Stephen McAleese comments on LLMs for Alignment Research: a safety priority?

Stephen McAleese 5 Apr 2024 8:43 UTC
LW: 16 AF: 11
−1
AF
LLMs aren’t that useful for alignment experts because it’s a highly specialized field and there isn’t much relevant training data. The AI Safety Chatbot partially solves this problem using retrieval-augmented generation (RAG) on a database of articles from https://aisafety.info. There also seem to be plans to fine-tune it on a dataset of alignment articles.
- mruwnik 13 Apr 2024 18:49 UTC
  8 points
  2
  Parent
  It’s not just from https://aisafety.info/. It also uses Arbital, any posts from the alignment forum, LW, EA forum that seem relevant and have a minimum karma, a bunch of arXiv papers, and a couple of other sources. This is a a relatively up to date list of the sources used (it also contains the actual data).
- ryan_greenblatt 5 Apr 2024 16:47 UTC
  LW: 5 AF: 3
  2
  AF Parent
  
  LLMs aren’t that useful for alignment experts because it’s a highly specialized field and there isn’t much relevant training data.
  
  Seems plausibly true for the alignment specific philosophy/conceptual work, but many people attempting to improve safety also end up doing large amounts of relatively normal work in other domains (ML, math, etc.)
  
  The post is more centrally talking about the very alignment specific use cases of course.
- abramdemski 5 Apr 2024 17:39 UTC
  LW: 2 AF: 2
  0
  AF Parent
  Sounds pretty cool! What LLM powers it?
  - plex 13 Apr 2024 12:54 UTC
    LW: 4 AF: 2
    0
    AF Parent
    We’re likely to switch to Claude 3 soon, but currently GPT 3.5. We are mostly expecting it to be useful as a way to interface with existing knowledge initially, but we could make an alternate prompt which is more optimized for being a research assistant brainstorming new ideas if that was wanted.
    Would it be useful to be able to set your own system prompt for this? Or have a default one?
    - abramdemski 17 Apr 2024 14:49 UTC
      LW: 4 AF: 3
      2
      AF Parent
      I don’t have a good system prompt that I like, although I am trying to work on one. It seems to me like the sort of thing that should be built in to a tool like this (perhaps with options, as different system prompts will be useful for different use-cases, like learning vs trying to push the boundaries of knowledge).
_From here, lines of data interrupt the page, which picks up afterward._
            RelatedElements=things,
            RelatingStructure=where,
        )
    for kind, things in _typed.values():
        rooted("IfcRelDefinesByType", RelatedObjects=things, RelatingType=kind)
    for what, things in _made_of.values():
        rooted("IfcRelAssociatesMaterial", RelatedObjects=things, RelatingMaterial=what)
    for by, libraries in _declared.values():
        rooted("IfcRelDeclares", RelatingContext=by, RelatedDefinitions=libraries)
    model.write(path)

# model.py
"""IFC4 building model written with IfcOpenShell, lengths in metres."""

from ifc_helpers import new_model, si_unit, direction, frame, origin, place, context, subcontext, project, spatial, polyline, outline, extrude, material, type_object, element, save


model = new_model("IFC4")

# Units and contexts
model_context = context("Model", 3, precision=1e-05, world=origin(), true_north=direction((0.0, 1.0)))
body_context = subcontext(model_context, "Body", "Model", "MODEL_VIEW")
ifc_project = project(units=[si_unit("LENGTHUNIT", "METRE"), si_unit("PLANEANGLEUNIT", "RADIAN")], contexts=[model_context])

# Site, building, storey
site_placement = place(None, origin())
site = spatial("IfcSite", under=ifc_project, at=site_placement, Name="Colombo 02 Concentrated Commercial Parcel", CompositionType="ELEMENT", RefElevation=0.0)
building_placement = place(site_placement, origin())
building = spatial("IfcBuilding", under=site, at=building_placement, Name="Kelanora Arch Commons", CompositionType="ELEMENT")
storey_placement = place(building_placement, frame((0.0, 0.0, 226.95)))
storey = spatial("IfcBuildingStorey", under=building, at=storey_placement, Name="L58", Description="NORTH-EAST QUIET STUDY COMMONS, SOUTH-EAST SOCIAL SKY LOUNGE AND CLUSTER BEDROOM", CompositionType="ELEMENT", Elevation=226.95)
      I would be pretty excited to try this out with Claude 3 behind it. Very much the sort of thing I was trying to advocate for in the essay!
      - plex 20 Apr 2024 8:20 UTC
        3 points
        0
        Parent
        DMed a link to an interface which lets you select system prompt and model (including Claude). This is open to researchers to test, but not positing fully publicly as it is not very resistant to people who want to burn credits right now.
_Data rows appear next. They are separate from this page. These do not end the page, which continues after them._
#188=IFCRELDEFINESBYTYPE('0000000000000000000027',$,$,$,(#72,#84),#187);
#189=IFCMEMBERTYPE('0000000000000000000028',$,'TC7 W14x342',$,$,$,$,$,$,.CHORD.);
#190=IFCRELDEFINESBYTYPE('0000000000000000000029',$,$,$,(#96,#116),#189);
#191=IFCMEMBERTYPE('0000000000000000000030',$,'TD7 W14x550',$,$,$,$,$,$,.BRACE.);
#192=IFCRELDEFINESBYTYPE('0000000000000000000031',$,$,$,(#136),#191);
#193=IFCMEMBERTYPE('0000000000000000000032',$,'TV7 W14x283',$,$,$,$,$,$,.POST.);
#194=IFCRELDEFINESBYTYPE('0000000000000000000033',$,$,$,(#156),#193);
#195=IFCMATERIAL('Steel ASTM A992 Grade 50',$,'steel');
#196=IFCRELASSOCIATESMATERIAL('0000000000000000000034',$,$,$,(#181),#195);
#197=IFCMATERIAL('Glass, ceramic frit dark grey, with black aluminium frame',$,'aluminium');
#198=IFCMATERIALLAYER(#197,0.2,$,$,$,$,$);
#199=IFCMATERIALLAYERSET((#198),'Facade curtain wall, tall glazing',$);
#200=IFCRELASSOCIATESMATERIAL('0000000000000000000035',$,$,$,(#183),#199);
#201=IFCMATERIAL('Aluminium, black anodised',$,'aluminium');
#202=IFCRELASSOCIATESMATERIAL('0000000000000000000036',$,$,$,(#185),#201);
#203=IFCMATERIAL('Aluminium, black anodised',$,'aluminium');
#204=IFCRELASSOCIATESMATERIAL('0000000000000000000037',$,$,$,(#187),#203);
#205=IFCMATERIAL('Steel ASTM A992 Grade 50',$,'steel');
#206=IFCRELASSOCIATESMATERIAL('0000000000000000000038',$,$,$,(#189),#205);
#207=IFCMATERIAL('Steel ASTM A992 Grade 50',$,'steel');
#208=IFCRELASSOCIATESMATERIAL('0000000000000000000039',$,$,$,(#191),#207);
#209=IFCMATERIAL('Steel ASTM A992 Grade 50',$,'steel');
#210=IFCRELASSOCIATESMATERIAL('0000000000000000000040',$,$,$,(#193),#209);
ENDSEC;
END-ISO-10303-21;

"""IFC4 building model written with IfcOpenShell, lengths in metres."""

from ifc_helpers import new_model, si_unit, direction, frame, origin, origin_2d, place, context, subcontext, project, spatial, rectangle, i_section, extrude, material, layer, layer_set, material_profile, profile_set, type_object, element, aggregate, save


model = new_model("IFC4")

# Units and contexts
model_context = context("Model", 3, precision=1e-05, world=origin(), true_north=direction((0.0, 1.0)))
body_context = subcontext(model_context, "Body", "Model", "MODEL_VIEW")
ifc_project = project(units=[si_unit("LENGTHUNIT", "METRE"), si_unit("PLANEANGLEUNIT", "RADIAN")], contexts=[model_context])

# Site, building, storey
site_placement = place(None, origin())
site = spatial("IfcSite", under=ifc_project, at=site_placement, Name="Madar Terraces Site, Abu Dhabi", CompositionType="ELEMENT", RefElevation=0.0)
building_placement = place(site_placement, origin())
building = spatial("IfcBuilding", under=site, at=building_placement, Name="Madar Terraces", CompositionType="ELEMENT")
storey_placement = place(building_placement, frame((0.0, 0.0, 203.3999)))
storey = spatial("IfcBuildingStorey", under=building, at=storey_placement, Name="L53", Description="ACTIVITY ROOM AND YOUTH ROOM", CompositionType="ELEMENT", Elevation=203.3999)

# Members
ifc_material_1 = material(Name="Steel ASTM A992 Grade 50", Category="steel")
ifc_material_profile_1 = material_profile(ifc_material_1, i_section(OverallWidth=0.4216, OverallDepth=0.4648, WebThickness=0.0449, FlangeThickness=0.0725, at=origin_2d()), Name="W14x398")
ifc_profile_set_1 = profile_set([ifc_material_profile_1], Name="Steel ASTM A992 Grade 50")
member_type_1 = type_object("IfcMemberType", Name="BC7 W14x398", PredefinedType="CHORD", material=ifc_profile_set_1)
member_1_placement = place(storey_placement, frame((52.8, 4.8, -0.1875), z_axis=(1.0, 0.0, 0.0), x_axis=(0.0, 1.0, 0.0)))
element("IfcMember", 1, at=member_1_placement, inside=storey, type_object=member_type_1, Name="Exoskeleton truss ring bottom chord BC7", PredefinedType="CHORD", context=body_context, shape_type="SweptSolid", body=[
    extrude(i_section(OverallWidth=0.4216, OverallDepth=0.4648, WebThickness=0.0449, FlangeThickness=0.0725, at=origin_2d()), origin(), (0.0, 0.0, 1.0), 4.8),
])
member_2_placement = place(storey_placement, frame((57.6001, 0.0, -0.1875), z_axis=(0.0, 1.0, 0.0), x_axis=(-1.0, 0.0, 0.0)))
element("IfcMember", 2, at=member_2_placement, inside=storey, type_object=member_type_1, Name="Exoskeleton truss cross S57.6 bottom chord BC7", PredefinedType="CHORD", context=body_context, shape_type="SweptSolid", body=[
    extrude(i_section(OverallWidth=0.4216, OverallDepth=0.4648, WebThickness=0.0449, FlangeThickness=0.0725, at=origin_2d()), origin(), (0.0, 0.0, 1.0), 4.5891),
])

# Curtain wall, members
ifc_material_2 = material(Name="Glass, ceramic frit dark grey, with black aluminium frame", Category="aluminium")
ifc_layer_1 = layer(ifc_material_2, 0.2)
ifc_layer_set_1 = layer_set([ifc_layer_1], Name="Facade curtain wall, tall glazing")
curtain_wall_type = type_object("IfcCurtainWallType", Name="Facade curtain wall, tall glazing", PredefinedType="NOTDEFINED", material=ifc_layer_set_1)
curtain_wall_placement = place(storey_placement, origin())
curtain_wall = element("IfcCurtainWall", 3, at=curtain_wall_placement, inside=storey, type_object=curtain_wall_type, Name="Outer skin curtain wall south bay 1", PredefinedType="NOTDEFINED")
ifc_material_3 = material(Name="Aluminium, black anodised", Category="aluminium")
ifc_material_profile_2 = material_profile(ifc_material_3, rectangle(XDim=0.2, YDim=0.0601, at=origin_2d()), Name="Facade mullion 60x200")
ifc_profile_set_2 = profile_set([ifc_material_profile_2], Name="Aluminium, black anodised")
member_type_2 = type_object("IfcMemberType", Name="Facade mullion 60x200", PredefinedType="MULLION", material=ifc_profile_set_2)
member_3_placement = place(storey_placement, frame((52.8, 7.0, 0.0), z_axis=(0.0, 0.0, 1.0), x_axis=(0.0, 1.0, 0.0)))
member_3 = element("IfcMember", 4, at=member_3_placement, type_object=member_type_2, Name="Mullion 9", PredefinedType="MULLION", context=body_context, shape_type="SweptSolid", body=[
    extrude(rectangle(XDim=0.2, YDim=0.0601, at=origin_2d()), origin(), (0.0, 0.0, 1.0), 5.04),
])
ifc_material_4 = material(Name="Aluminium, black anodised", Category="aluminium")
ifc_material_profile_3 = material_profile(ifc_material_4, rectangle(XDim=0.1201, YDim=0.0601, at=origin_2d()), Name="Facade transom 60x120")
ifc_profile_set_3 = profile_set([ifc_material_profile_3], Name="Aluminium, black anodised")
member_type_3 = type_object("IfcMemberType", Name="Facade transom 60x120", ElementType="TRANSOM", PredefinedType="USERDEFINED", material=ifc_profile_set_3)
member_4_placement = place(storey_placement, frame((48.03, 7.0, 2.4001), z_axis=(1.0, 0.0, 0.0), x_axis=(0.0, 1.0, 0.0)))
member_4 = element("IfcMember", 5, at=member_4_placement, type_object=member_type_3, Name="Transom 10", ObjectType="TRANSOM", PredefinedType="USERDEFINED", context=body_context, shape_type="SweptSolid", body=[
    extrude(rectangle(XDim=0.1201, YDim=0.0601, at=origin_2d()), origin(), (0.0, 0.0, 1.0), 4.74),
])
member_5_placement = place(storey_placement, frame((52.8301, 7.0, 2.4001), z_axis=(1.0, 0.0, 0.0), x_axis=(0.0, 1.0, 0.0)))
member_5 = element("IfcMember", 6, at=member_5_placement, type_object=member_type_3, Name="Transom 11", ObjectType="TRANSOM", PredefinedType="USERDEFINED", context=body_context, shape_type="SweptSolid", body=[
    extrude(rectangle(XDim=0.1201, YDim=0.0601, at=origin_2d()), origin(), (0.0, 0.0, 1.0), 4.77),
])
        Other researchers feel free to DM me if you’d like access.
  - Stephen McAleese 5 Apr 2024 19:08 UTC
    2 points
    0
    Parent
    From reading the codebase, it seems to be a LangChain chatbot powered by the default LangChain OpenAI model which is gpt-3.5-turbo-instruct. The announcement blog post also says it’s based on gpt-3.5-turbo.